Doctor jokes
"Where exactly are you taking me, doctor?"
"To the morgue."
"What? But I’m not dead yet!"
"And we’re not there yet."
I was walking down Main Street when I saw a child.
I told him, "I will give you 20$ if you get my balls back from the vet."
He replied, "Why did they take your balls sir?"
"Beer plus going to the vet does not work well for everybody, especially when you're a furry."
Doctor: I'm sorry, but your surgery will cost a lot of money.
Buuuuut what's this behind your ear?
Oh, it's still cancer.
I went for my routine check up last week, and everything was going great until the doctor stuck her finger up my butt. Should I look for a new dentist?
Kid with Cancer: "When I get older, I want to be a movie star or a singer."
Nurse: *Laughs*
Kid: "Why are you laughing?"
Nurse: "When I get OLDER."
Proceeds to laugh.
I feel bad for the doc now✌️💀
When the doctor asks you what your zodiac sign is,
You respond: "cancer."
Doctor says: "Well, what a coincidence!"
Mother: How is my little cookie doing?
Doctor: Your cookie is feeling crummy right now.
Mother: Really?
Doctor: But don’t worry. Things are about to get batter.
Mother: 😁♥️🍪
Doctor: Do you want the good news or the bad news first?
Patient: Good news!
Doctor: We are naming a disease after you.
Doctor: You need new glasses.
Patient: How'd you know? I haven't even told you what is wrong with me yet.
Doctor: I could tell as soon as you walked in through the window.
A woman is in the hospital giving birth. The doctor comes up to her afterwards.
Dr: "I'm sorry, I have good news and bad news."
Woman: "What's the bad news?"
Dr: "Your baby is Ginger!"
Woman: "Ok, so what's the good news?"
Dr: "It's dead!"
My doctor told me I had Alzheimer’s.
I said to him, “I don’t remember asking.”
Why did Peter Parker take Gwen Stacy to an orthopedist?
Because her neck was killing her.
Doctor: "I'm sorry, but you suffer from a terminal illness and only have 10 to live."

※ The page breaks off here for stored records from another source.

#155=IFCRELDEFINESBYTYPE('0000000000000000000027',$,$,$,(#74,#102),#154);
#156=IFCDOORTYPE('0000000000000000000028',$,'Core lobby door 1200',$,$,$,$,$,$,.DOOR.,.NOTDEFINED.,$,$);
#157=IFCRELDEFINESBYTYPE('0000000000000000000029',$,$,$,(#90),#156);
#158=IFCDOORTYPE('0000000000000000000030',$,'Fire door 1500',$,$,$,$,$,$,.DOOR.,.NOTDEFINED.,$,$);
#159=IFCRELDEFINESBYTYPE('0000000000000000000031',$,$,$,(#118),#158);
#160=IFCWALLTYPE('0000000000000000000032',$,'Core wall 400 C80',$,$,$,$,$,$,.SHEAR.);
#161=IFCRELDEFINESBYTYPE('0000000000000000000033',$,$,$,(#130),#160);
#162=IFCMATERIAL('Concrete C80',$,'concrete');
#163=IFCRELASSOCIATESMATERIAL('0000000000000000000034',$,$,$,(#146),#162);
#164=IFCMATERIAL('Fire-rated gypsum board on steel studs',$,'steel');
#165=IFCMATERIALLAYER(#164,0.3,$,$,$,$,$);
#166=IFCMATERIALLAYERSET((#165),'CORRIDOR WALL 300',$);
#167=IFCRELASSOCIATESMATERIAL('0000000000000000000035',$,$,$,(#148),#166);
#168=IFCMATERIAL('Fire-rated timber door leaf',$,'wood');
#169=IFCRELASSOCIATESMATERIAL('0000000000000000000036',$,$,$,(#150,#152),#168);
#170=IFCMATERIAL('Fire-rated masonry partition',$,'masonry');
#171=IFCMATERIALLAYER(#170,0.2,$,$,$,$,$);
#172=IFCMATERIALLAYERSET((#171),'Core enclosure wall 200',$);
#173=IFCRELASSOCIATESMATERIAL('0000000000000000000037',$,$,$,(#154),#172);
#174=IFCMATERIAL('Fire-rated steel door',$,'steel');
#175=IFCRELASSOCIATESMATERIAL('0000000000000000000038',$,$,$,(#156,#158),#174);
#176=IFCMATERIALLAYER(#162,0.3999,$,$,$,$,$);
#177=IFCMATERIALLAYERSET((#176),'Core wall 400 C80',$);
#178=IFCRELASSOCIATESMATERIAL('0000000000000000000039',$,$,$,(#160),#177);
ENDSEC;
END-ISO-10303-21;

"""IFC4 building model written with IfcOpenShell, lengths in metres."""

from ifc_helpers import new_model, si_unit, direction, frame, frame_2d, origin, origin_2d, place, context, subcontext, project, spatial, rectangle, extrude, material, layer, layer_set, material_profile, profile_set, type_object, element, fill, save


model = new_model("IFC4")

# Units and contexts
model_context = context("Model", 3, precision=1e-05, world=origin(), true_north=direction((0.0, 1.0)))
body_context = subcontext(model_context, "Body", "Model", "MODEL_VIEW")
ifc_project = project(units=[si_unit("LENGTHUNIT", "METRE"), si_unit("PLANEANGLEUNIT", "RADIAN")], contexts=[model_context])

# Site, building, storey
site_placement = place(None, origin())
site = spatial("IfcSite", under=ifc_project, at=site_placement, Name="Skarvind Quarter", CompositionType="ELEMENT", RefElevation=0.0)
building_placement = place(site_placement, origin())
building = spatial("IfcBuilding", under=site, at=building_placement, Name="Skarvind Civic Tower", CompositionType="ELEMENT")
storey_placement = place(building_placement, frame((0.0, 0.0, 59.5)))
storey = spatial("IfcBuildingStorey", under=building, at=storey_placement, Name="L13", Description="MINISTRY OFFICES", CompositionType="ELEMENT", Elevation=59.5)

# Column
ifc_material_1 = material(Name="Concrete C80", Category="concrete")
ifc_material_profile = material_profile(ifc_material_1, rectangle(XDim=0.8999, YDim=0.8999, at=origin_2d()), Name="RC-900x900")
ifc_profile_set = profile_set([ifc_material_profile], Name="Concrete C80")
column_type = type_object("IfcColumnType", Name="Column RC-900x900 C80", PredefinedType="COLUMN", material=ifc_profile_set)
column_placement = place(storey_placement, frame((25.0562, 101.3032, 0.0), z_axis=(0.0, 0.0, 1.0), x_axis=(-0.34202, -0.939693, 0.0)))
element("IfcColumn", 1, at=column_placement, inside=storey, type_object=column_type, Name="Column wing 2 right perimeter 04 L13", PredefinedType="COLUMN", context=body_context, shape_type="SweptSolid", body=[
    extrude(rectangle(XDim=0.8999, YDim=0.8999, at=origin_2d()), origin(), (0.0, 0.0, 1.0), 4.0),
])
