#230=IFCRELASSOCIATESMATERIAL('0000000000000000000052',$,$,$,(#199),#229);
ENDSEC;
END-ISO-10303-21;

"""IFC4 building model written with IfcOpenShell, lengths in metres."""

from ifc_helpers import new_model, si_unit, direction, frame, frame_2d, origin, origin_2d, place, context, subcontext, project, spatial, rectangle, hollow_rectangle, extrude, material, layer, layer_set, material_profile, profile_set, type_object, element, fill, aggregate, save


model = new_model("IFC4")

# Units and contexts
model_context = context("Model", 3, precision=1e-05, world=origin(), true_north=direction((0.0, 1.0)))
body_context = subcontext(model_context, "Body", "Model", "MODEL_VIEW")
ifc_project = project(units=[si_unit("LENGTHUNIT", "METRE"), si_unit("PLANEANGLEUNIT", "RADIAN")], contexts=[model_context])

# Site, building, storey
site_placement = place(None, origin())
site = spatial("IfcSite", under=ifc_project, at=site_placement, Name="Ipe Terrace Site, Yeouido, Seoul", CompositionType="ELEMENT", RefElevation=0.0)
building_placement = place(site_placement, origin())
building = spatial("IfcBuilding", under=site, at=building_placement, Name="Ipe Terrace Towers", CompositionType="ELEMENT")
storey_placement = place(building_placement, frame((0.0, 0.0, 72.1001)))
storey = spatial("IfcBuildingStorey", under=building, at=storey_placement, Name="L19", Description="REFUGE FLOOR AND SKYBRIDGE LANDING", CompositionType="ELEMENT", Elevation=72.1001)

Patient: "What do you mean 10? 10 what? months? weeks?"
Doctor: "9, 8, 7..."
My friend was told by her doctor that she was morbidly obese.
As if she doesn't have enough on her plate.
Doctor: "I am so sorry, I cannot see you today."
Orphan: "Oh, okay. What about tomorrow?"
Doctor: "No, I can't see you ever."
Orphan: "Why?"
Doctor: "Because I am a family doctor."
Doctor: I’m sorry, I can’t see you today.
Orphan: Oh, how about tomorrow?
Doctor: No, I can’t ever see you.
Orphan: Why?
Doctor: Because I’m a family physician.
I got kicked out of the hospital.
Apparently, the sign "Stroke patients here" meant something totally different.
Doctors in the Middle Ages, Plague doctor: "I must have some herbs to block out bad air."
Doctors now: "God, WTF were we doing back then?"
Are you a mental hospital? Cause I need to be in you.
A blonde walks into the doctor's office. She tells the doctor, "My boyfriend has dandruff."
The doctor tells her to use Head and Shoulders. She leaves. About an hour later, the doctor's phone rings. He answers, it's the blonde. The doctor asks how he can help her. "Well doctor, I understand head, but how do you 'hove' shoulders?"